Pertemuan yang berlangsung di Ruang Rapat Bupati Rejang Lebong ini disambut langsung oleh Bupati HM Fikri Thobari, SE, MAP, bersama Kepala Dinas Pertanian Suradi, SP, MSi, serta sejumlah pejabat terkait.
Fokus pada Rehabilitasi dan Peningkatan Irigasi
Dalam sambutannya, Kepala BWSS VII Bengkulu, Wiel Mushawiry, menjelaskan bahwa pertemuan ini menjadi langkah penting memperkuat sinergi pusat dan daerah dalam pembangunan infrastruktur irigasi. Program yang diamanatkan melalui Inpres Nomor 2 Tahun 2025 tersebut mencakup rehabilitasi jaringan irigasi utama hingga tersier, termasuk pengembangan sistem irigasi air tanah berbasis pompa.
“Melalui Inpres ini, pemerintah pusat aktif membangun daerah, khususnya di bidang irigasi. Pembangunan ini meliputi rehabilitasi jaringan utama, primer, sekunder, hingga tersier,” ujar Wiel.
Ia menambahkan, program ini selaras dengan target swasembada pangan nasional sebagaimana dicanangkan dalam Asta Cita Presiden Prabowo Subianto. Tahun ini, kata Wiel, Kabupaten Rejang Lebong masuk tahap ketiga dengan alokasi anggaran sebesar Rp800 juta.

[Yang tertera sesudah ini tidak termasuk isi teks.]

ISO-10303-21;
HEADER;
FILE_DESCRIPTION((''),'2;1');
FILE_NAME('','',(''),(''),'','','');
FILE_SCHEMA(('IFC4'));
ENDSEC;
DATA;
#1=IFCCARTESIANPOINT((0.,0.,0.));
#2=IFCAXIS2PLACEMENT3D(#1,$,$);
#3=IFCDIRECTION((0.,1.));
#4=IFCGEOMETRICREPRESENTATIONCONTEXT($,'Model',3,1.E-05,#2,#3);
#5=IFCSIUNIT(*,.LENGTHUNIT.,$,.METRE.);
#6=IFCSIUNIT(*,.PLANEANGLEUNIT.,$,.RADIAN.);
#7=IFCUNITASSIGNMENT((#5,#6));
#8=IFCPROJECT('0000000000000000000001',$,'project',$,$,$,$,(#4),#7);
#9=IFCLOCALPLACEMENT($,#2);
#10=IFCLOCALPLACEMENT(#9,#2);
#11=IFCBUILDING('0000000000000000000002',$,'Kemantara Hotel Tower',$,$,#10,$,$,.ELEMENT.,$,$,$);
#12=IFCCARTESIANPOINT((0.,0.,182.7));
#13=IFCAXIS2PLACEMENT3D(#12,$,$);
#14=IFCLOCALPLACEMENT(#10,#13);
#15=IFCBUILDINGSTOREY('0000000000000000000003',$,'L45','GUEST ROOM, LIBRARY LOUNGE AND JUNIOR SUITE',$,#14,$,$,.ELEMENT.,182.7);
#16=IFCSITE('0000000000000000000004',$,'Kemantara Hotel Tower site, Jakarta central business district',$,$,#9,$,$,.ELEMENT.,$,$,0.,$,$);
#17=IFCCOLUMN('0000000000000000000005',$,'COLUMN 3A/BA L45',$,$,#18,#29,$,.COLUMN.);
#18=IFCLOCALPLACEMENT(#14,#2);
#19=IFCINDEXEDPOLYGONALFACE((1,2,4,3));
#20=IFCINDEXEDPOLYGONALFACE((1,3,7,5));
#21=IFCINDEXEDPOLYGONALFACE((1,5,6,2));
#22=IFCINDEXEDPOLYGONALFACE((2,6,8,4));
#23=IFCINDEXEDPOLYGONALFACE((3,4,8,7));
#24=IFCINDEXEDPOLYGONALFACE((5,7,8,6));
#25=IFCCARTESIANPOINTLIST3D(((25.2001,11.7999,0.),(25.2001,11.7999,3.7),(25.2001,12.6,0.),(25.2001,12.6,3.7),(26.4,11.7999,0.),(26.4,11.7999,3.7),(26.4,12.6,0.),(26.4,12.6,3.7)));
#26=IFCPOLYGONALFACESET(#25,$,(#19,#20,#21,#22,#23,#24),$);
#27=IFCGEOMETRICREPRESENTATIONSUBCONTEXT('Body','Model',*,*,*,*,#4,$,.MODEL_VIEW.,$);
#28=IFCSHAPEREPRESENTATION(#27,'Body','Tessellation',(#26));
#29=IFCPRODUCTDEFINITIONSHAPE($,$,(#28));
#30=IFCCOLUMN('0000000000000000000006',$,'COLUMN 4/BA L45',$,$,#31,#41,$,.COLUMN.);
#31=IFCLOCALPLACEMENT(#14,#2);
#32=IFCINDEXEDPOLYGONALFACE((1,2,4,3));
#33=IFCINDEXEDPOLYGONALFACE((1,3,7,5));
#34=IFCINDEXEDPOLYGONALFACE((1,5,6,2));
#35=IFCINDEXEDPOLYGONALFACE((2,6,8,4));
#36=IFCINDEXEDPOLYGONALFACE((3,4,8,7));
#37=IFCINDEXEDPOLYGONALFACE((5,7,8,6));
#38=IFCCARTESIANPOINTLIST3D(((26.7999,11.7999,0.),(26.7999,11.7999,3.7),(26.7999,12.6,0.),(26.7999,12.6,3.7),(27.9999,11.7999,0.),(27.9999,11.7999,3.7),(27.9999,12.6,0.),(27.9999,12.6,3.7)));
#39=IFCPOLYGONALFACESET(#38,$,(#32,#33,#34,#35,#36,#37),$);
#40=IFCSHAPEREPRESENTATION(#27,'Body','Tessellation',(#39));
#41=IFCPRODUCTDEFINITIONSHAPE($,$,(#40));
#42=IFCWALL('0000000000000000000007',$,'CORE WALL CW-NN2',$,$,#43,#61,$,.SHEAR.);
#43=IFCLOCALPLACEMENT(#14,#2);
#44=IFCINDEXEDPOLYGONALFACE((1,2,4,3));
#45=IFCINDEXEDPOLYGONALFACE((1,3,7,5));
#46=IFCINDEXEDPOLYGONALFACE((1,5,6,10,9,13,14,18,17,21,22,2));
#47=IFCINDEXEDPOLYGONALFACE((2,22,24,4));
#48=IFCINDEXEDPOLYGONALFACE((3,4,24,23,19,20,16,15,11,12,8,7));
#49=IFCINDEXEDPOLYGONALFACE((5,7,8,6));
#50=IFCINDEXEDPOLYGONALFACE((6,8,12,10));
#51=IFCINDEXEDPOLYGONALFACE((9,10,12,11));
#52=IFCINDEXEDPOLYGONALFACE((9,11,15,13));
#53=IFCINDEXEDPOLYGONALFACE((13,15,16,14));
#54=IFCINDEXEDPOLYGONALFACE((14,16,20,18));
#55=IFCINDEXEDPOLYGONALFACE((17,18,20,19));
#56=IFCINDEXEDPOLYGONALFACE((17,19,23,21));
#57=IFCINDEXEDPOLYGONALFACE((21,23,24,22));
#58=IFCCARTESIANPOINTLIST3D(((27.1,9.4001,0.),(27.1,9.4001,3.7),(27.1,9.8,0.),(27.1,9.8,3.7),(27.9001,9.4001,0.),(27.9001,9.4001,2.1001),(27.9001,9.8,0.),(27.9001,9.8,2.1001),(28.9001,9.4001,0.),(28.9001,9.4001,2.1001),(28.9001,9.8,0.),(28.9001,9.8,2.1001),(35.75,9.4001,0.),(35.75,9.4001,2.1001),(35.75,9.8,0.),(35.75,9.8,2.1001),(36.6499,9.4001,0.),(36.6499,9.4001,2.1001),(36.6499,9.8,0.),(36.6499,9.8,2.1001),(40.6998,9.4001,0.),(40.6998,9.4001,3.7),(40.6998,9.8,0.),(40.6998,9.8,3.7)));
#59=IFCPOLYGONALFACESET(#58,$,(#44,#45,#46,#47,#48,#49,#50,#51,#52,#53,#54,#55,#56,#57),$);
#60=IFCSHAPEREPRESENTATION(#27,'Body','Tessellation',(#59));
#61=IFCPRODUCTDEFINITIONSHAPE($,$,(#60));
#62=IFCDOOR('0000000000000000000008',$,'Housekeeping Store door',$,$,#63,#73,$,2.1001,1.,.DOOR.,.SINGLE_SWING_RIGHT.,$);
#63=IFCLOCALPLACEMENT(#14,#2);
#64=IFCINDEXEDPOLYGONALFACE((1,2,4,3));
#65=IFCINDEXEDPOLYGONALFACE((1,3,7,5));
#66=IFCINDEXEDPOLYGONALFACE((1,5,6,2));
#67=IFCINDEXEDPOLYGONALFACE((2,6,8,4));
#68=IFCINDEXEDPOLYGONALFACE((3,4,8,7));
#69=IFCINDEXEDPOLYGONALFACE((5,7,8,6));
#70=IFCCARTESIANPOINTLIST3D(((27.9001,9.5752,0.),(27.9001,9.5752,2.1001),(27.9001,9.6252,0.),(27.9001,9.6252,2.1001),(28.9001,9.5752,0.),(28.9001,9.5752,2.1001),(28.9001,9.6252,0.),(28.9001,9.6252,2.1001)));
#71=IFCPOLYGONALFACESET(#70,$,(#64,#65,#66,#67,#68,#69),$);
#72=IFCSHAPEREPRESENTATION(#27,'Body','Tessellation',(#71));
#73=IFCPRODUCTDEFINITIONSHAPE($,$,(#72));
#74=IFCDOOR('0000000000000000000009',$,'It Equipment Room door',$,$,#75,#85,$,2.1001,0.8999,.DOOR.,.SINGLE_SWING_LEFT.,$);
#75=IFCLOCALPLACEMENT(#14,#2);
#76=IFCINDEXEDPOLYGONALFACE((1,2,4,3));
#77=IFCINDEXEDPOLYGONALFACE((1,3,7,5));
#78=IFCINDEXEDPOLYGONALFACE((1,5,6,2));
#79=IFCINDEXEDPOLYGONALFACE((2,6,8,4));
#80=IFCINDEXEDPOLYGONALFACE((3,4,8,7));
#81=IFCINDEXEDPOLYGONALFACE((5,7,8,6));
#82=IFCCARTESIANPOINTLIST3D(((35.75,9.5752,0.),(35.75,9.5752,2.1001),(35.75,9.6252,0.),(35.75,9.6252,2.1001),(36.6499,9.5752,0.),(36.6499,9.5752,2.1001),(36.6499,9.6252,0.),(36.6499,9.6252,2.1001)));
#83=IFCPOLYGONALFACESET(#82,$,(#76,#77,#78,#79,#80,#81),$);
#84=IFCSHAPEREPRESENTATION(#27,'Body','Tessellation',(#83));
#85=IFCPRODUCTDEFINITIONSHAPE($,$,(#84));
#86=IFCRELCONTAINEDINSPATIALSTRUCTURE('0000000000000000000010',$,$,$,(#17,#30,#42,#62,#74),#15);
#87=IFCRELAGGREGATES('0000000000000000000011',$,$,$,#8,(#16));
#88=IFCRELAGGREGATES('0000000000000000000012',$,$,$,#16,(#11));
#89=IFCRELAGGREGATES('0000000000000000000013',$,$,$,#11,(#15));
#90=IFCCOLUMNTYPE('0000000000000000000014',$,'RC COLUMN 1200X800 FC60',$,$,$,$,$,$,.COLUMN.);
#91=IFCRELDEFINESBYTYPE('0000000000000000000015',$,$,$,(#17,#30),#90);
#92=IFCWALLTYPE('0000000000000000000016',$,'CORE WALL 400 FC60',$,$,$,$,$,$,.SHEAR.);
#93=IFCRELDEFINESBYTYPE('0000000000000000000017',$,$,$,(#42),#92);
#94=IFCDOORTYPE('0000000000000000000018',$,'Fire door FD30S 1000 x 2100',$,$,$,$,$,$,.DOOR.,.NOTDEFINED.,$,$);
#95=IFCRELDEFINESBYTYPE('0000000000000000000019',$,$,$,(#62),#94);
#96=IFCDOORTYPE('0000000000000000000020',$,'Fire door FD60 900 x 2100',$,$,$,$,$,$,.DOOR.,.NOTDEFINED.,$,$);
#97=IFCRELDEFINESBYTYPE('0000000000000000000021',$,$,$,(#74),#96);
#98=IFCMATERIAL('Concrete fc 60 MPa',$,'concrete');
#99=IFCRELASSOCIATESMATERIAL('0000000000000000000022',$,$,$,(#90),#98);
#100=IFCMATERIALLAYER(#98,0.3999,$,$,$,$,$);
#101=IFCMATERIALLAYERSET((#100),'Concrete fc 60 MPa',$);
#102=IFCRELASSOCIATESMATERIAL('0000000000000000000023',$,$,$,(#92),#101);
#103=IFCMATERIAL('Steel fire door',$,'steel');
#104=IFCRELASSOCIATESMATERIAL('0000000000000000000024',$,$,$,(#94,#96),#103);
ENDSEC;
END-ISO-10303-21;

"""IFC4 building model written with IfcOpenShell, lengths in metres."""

from ifc_helpers import new_model, si_unit, direction, frame, frame_2d, origin, origin_2d, place, context, subcontext, project, spatial, rectangle, extrude, material, layer, layer_set, material_profile, profile_set, type_object, element, fill, save


model = new_model("IFC4")

# Units and contexts
model_context = context("Model", 3, precision=1e-05, world=origin(), true_north=direction((0.0, 1.0)))
body_context = subcontext(model_context, "Body", "Model", "MODEL_VIEW")
ifc_project = project(units=[si_unit("LENGTHUNIT", "METRE"), si_unit("PLANEANGLEUNIT", "RADIAN")], contexts=[model_context])

# Site, building, storey
site_placement = place(None, origin())
site = spatial("IfcSite", under=ifc_project, at=site_placement, Name="Kemantara Hotel Tower site, Jakarta central business district", CompositionType="ELEMENT", RefElevation=0.0)
building_placement = place(site_placement, origin())
building = spatial("IfcBuilding", under=site, at=building_placement, Name="Kemantara Hotel Tower", CompositionType="ELEMENT")
storey_placement = place(building_placement, frame((0.0, 0.0, 182.7)))
storey = spatial("IfcBuildingStorey", under=building, at=storey_placement, Name="L45", Description="GUEST ROOM, LIBRARY LOUNGE AND JUNIOR SUITE", CompositionType="ELEMENT", Elevation=182.7)

# Columns
ifc_material_1 = material(Name="Concrete fc 60 MPa", Category="concrete")
ifc_material_profile = material_profile(ifc_material_1, rectangle(XDim=1.2, YDim=0.8, at=origin_2d()), Name="RC 1200X800")
ifc_profile_set = profile_set([ifc_material_profile], Name="Concrete fc 60 MPa")
column_type = type_object("IfcColumnType", Name="RC COLUMN 1200X800 FC60", PredefinedType="COLUMN", material=ifc_profile_set)
for number, where, z_axis, x_axis, name in (
    (1, (25.8, 12.2, 0.0), (0.0, 0.0, 1.0), (1.0, 0.0, 0.0), "COLUMN 3A/BA L45"),
    (2, (27.3999, 12.2, 0.0), (0.0, 0.0, 1.0), (1.0, 0.0, 0.0), "COLUMN 4/BA L45"),
):
    element("IfcColumn", number, at=place(storey_placement, frame(where, z_axis=z_axis, x_axis=x_axis)), inside=storey, type_object=column_type, Name=name, PredefinedType="COLUMN", context=body_context, shape_type="SweptSolid", body=[
        extrude(rectangle(XDim=1.2, YDim=0.8, at=origin_2d()), origin(), (0.0, 0.0, 1.0), 3.7),
    ])

# Wall, openings, doors
ifc_layer_1 = layer(ifc_material_1, 0.3999)
ifc_layer_set_1 = layer_set([ifc_layer_1], Name="Concrete fc 60 MPa")
wall_type_1 = type_object("IfcWallType", Name="CORE WALL 400 FC60", PredefinedType="SHEAR", material=ifc_layer_set_1)
wall_1_placement = place(storey_placement, frame((27.1001, 9.6001, 0.0), z_axis=(0.0, 0.0, 1.0), x_axis=(1.0, 0.0, 0.0)))
wall_1 = element("IfcWall", 3, at=wall_1_placement, inside=storey, type_object=wall_type_1, Name="CORE WALL CW-NN2", PredefinedType="SHEAR", context=body_context, shape_type="SweptSolid", body=[
    extrude(rectangle(XDim=13.5999, YDim=0.3999, at=frame_2d((6.7998, 0.0))), origin(), (0.0, 0.0, 1.0), 3.7),
])
opening_1_placement = place(wall_1_placement, frame((0.8, 0.0, 0.0)))
opening_1 = element("IfcOpeningElement", 4, at=opening_1_placement, cuts=wall_1, PredefinedType="OPENING", context=body_context, shape_type="SweptSolid", body=[
    extrude(rectangle(XDim=1.0, YDim=2.1001, at=frame_2d((0.5, 1.05))), frame((0.0, 0.21, 0.0), z_axis=(0.0, -1.0, 0.0), x_axis=(1.0, 0.0, 0.0)), (0.0, 0.0, 1.0), 0.4199),
])
opening_2_placement = place(wall_1_placement, frame((8.6499, 0.0, 0.0)))
opening_2 = element("IfcOpeningElement", 5, at=opening_2_placement, cuts=wall_1, PredefinedType="OPENING", context=body_context, shape_type="SweptSolid", body=[
    extrude(rectangle(XDim=0.8999, YDim=2.1001, at=frame_2d((0.45, 1.05))), frame((0.0, 0.21, 0.0), z_axis=(0.0, -1.0, 0.0), x_axis=(1.0, 0.0, 0.0)), (0.0, 0.0, 1.0), 0.4199),
])
ifc_material_2 = material(Name="Steel fire door", Category="steel")
door_type_1 = type_object("IfcDoorType", Name="Fire door FD30S 1000 x 2100", OperationType="NOTDEFINED", PredefinedType="DOOR", material=ifc_material_2)
door_1_placement = place(opening_1_placement, frame((1.0, 0.0, 0.0), z_axis=(0.0, 0.0, 1.0), x_axis=(-1.0, 0.0, 0.0)))
door_1 = element("IfcDoor", 6, at=door_1_placement, inside=storey, type_object=door_type_1, Name="Housekeeping Store door", OperationType="SINGLE_SWING_RIGHT", OverallHeight=2.1001, OverallWidth=1.0, PredefinedType="DOOR", context=body_context, shape_type="SweptSolid", body=[
    extrude(rectangle(XDim=1.0, YDim=2.1001, at=frame_2d((0.5, 1.05))), frame((0.0, 0.0249, 0.0), z_axis=(0.0, -1.0, 0.0), x_axis=(1.0, 0.0, 0.0)), (0.0, 0.0, 1.0), 0.05),
])
fill(opening_1, door_1)
door_type_2 = type_object("IfcDoorType", Name="Fire door FD60 900 x 2100", OperationType="NOTDEFINED", PredefinedType="DOOR", material=ifc_material_2)
door_2_placement = place(opening_2_placement, frame((0.8999, 0.0, 0.0), z_axis=(0.0, 0.0, 1.0), x_axis=(-1.0, 0.0, 0.0)))
door_2 = element("IfcDoor", 7, at=door_2_placement, inside=storey, type_object=door_type_2, Name="It Equipment Room door", OperationType="SINGLE_SWING_LEFT", OverallHeight=2.1001, OverallWidth=0.8999, PredefinedType="DOOR", context=body_context, shape_type="SweptSolid", body=[
    extrude(rectangle(XDim=0.8999, YDim=2.1001, at=frame_2d((0.45, 1.05))), frame((0.0, 0.0249, 0.0), z_axis=(0.0, -1.0, 0.0), x_axis=(1.0, 0.0, 0.0)), (0.0, 0.0, 1.0), 0.05),
])
fill(opening_2, door_2)

save(model, "model.ifc")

“Penandatanganan kontrak diharapkan bisa segera dilakukan agar pelaksanaan berjalan sesuai jadwal,” jelasnya.
Selain itu, Wiel menyebut masih terbuka peluang bagi Rejang Lebong untuk memperoleh program lanjutan tahun depan. “Secara nasional disiapkan anggaran Rp6,7 triliun, sedangkan untuk Provinsi Bengkulu baru menerima sekitar Rp60 miliar. Semoga Rejang Lebong dapat memanfaatkannya dengan optimal,” imbuhnya.
Dorong Pembangunan Infrastruktur Pertanian
Bupati Rejang Lebong, HM Fikri Thobari, menyampaikan apresiasi atas perhatian dan dukungan BWSS VII Bengkulu terhadap pembangunan infrastruktur pertanian di daerahnya. Menurutnya, kolaborasi ini menjadi langkah strategis untuk memperkuat ketahanan pangan sekaligus meningkatkan kesejahteraan petani.
“Hari ini kita mendapatkan kunjungan langsung dari Kepala BWSS VII Bengkulu dan memperoleh banyak informasi penting terkait potensi kerja sama dalam pembangunan infrastruktur pertanian dan irigasi,” ujar Bupati Fikri.
Ia juga menginstruksikan dinas terkait segera menindaklanjuti hasil pertemuan dengan menyiapkan program usulan tahun 2026. “Harapannya, Rejang Lebong dapat menjadi lumbung pangan Bengkulu. Jika irigasi baik, hasil panen meningkat, maka kesejahteraan petani pun akan naik,” tegasnya.
Perkuat Sinergi Menuju Ketahanan Pangan
Menutup pertemuan, Bupati Fikri menegaskan pentingnya sinergi antara pemerintah pusat dan daerah dalam mempercepat pembangunan pertanian dan irigasi.
“Kami berterima kasih atas dukungan BWSS VII Bengkulu yang terus bersinergi dalam membangun daerah. Semoga kerja sama ini membawa manfaat besar bagi masyarakat Rejang Lebong,” pungkasnya.